# Lockfutter für Karpfen



## Megarun (15. Dezember 2000)

Hi, Donaufischer...
...wenn sich keiner Traut? Soll ich...
...Also meine Meinung; den Karpfen kann mit allem möglichen Futter "anlocken" sei es Wein (Trester), oder Biertrester! Würmer, Maden, oder "watt, weiß ich".(einfach ALLES)  Das ist doch nur "zweitrangig" FANGEN!! muß man "Ihn"!!
Also:
www: Versuch`s mit "Harten" Ködern.de
         Megarun------------------
...immer Untermaß...[1 Mal bearbeitet. Als letztes von Megarun am 15-12-2000 um 14:40.]


----------



## Donaufischer (16. Dezember 2000)

Hallo Karpfen-Angler...
Ich hätt gern von Euch erfahren,
ob jemand schon mal was über BIERTREBERN in Zusammenhang mit Karpfenköder gehört hat ?Gruße an Euch
Donaufischer


----------



## Donaufischer (16. Dezember 2000)

@ Megarun; danke für Deine Antwort.
Nun vorerst geht es mir nicht um den Fang sondern um das möglichst effektive anlocken.
Beim Befischen von größeren Gewässern versuche ich an ausgewählter Stelle, meist mit Partikelfutter wegeartig sternförmig Karpfen an einen Platz zu leiten; nach 2 bis 3 Tagen beginne ich punktgenau am Platz zu füttern.
Dies bringt mir an diesen mir unbekannten Gewässern meist gute, manchmal sehr gute Fänge.
Nun zu den Biertrebern; die nach dem Keimen "mälzen" abgetrennten festen Rückstände der Getreidesorten anfallen und im allgemeinen als Tierfutter verwendet werden.
Sache ist, dass in Fachbüchern älterer Zeit und neuer Auflagen (Paul Parey; Ewald Haas u.andere) berichtet wird, dass diese Biertrebern "eines der größten Delikatessen für Karpfen und als Löckmittel zum Anfüttern über weitere Strecken hin bestens geeignet sind und auch als solche eingesetzt werden; jedoch einen geringen Nährwert besitzen"
Diese Erkenntnisse müßten sich doch umsetzen lassen!?
Einziger Nachteil dieser Biertrebern, alsbald einsetzende Gärung.Gruß an die Karpfengemeinde
DONAUFISCHER
[1 Mal bearbeitet.
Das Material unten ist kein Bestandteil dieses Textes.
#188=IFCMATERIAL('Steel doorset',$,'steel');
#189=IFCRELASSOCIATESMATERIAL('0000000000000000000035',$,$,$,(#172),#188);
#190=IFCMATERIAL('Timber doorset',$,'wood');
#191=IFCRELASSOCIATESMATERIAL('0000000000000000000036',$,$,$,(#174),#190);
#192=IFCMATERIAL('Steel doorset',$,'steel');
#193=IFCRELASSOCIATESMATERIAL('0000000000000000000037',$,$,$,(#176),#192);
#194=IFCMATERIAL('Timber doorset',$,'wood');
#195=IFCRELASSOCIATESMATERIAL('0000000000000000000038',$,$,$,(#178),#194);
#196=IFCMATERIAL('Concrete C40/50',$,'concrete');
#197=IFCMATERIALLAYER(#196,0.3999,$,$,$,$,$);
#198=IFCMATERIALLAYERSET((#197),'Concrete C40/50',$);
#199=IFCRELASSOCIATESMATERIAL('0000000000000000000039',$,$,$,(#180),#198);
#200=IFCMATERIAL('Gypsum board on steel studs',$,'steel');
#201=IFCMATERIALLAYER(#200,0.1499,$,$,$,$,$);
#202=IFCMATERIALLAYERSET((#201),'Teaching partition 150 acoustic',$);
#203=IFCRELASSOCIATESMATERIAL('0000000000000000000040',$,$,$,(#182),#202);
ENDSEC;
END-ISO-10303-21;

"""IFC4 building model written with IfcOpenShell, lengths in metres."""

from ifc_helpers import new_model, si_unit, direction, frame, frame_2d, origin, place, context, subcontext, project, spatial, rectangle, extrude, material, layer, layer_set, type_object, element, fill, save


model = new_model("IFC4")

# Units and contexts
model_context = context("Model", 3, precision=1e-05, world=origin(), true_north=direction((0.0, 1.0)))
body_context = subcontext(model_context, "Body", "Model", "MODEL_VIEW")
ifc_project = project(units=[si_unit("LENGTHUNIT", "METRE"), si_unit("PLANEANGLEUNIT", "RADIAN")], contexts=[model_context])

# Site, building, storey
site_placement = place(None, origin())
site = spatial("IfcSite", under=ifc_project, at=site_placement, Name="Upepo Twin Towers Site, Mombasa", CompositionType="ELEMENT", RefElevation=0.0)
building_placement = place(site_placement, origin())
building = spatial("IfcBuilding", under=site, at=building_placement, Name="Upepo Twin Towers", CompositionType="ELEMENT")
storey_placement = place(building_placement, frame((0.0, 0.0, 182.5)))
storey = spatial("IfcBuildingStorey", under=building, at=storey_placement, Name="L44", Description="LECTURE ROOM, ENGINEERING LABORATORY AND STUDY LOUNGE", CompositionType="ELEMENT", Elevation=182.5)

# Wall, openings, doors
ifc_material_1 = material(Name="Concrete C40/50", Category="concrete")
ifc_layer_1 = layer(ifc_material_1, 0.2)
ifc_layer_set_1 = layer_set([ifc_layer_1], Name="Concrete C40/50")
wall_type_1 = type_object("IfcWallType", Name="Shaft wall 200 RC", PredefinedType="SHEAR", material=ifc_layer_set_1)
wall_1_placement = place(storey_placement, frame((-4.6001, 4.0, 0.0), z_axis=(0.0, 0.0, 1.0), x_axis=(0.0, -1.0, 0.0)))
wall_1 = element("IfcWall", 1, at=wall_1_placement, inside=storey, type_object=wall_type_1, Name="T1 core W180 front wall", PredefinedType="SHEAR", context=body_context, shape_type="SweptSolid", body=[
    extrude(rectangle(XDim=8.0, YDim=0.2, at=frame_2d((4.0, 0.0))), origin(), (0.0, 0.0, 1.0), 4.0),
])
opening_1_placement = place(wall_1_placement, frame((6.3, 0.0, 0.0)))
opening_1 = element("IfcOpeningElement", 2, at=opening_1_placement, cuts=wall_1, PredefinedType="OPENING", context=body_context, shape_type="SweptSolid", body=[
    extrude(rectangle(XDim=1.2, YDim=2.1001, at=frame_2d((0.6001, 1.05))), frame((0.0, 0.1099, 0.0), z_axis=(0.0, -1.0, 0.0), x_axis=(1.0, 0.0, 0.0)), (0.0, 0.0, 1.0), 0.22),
Als letztes von Donaufischer am 16-12-2000 um 01:04.]


----------



## Megarun (16. Dezember 2000)

Hallo, Donaufischer...
...sagte ja, Karpfen kann mann mit vielen Ködern "Anlocken, Anfüttern", natürlich auch mit "TREBER"! Nur, die Sache hat einen Haken: Wie sieht`s mit Brassen*, Blei, (Klodeckel) in Deinem Gewässer aus? Wenn die in Massen auftreten, ist nix mit "Treber" für Karpfen.
Aus diesem Grund haben es die "Tommi`s" ja mit "Harten" Ködern versucht: Und mit Erfolg.
*) zu den Brassen! Oft nicht "Gerne" am Haken gesehen. Aber diese Fischart hat in meinen Augen mehr "Berechtigung" in unsern Gewässern als der Karpfen! Warum? Weil der Brassen eben eine "Heimischer" Fisch ist. Der Karpfen NICHT!  MfG & Peti (auf Karpfen), Megarun 

------------------
...immer Untermaß...


----------



## Donaufischer (17. Dezember 2000)

Hi Megarun&acute;
	

	
	
		
		

		
			




Stimmt natürlich was Du sagst; ist OK
Dennoch entstehen beim Mälzen Stoffe oder werden auch nur freigesetzt die für die Nasen der Flossenträger sehr attraktiv sind.
Möglicherweise sollte man Boilies in Bier kochen oder einen "Sweet Malzbier Attractor" entwickeln.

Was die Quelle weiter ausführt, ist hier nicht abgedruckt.